|As we close out the year, I wanted to reflect on what has been accomplished since the beginning of 2020 until the end of 2021, and what the future holds for Sheffer Capital. We have been very fortunate to accomplish great things with many great investment partners. |
Some numbers from the last 18 months in a nutshell:
– Purchased 416 units, $43M total value
– Sold 212 units, $16M total value
– In early development 139 units, $22M total value
Current holdings at end of January 2022 are 204 units, 9 properties, ~$27M in total value.
All of this is due to what I believe to be the most important aspect of multifamily investing, treating it as a “team game”. Without our investors, none of this would be possible. Each deal ranges from 3-30 investors who have trusted us with their hard-earned capital. Words cannot express how appreciative I am of each investor placing their capital in our projects.
Here’s a bit about what we see for the future
We have been scouring the earth for quality deals to purchase. We’ve built a network of what we call “deal-finders” who range from investors just starting out looking for their first deal, experienced investors looking to partner and share the work, and experienced brokers with $100M+ of transactions each year. All are bringing good deals to the table. The best deals always come off market and direct to seller, we will remain committed to cold calling and sending mailers directly to property owners. The deals we purchase are primarily properties off market, needing physical & operational improvements (value-add), for a price well below replacement cost, and something we’d feel comfortable owning at 10-25% higher than the price we purchasing at. We will continue this strategy as this has been the bread & butter of our business to date.
Lately we have seen other investment companies who target similar multifamily properties (1970+ built, 20+ units, value add component) buying at, or near, replacement cost on the open market. As we enter every investment with the plan to hold it forever, we would much rather buy newer vintage, or build brand new, as these properties will operate much more efficiently over the next 20 years.
The new developments we have are in various stages and are targeted to break ground in Q3/Q4 of 2022. Due to the stages of these developments we can’t share too much about them but there are 2 projects in the suburbs of Metro Detroit & 1 in Scottsdale, AZ. Investors registered in our investor portal will have first access to these deals when they launch. We plan to build our new development team through 2022 and make this a large part of the business moving forward.

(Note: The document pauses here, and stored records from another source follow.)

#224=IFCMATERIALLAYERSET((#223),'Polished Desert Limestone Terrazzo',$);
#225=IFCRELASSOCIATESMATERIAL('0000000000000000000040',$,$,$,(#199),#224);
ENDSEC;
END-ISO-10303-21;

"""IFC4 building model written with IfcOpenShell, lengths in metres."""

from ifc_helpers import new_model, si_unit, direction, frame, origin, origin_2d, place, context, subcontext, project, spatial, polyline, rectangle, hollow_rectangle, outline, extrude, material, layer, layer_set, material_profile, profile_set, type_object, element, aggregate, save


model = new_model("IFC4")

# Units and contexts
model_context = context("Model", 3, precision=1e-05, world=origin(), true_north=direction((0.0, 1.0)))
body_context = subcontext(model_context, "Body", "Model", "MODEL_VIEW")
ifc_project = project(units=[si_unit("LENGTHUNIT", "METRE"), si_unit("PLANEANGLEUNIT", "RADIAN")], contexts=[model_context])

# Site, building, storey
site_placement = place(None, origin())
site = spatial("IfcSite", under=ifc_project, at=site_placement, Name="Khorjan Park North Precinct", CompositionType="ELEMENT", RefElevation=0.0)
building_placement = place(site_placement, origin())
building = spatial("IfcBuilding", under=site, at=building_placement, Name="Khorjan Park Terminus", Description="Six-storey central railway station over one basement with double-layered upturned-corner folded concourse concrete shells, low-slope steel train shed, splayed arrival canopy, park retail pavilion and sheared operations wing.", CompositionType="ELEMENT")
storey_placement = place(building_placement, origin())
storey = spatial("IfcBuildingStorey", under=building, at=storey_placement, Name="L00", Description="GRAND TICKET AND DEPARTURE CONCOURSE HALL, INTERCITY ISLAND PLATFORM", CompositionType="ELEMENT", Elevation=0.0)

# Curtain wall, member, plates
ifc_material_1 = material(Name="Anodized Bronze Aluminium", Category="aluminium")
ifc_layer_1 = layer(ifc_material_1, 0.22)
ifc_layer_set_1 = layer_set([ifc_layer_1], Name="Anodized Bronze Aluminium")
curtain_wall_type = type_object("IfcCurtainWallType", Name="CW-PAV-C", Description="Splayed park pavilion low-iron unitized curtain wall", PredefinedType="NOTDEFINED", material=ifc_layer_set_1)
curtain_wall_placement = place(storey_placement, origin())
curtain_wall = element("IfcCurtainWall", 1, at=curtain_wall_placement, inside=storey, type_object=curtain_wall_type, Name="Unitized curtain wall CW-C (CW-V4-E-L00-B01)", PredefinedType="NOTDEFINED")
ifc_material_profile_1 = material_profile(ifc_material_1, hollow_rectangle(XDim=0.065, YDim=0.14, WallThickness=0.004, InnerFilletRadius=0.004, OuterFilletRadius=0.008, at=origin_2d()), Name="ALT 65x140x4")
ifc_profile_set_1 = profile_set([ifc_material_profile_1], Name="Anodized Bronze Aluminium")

To date we have raised capital for each deal individually. The Fund model is something we have in early stages to first launch in Texas with our Texas Storage Fund 1. Creating the Fund will allow us to act much faster on more opportunities. For example, we will raise $10million of investor capital for Texas Storage Fund 1. A typical equity raise per deal will be ~30% of the total project value. With our Fund of $10million we will be able to swiftly acquire ~$30million worth of real estate. The Fund will have a set criterion that each property must meet before being purchased by the Fund. Investors will invest into the Fund and the Fund will purchase the properties. This is a great way for investors to achieve diversification amongst several properties.
The first fund is a joint venture project that is yet to launch. We already have ~$5m in commitments and the first 2 properties lined up to purchase. It will focus on Value-Add Self Storage properties in a ~200 mile radius of Austin, TX.
As we’ve navigated through the Real Estate Private Equity (REPE) world, we often come across different investment opportunities in the traditional Private Equity and Venture Capital worlds. Many of these investments can be structured similarly to a real estate deal and be purchased primarily through the Fund model. A long-term goal of mine is to begin to actively pursue these deals and once acquired build teams around each investment to support deal flow, operations, and investors. Blackstone is a company that I admire and would like to emulate in the expansion of Sheffer Capital.
In closing, I want to thank all our investors for trusting us with their hard-earned capital. Without them, we could not operate. The future is bright, and I am excited to see what we can create.
Thank you for reading and your interest in Sheffer Capital. We look forward to having you follow along on the journey.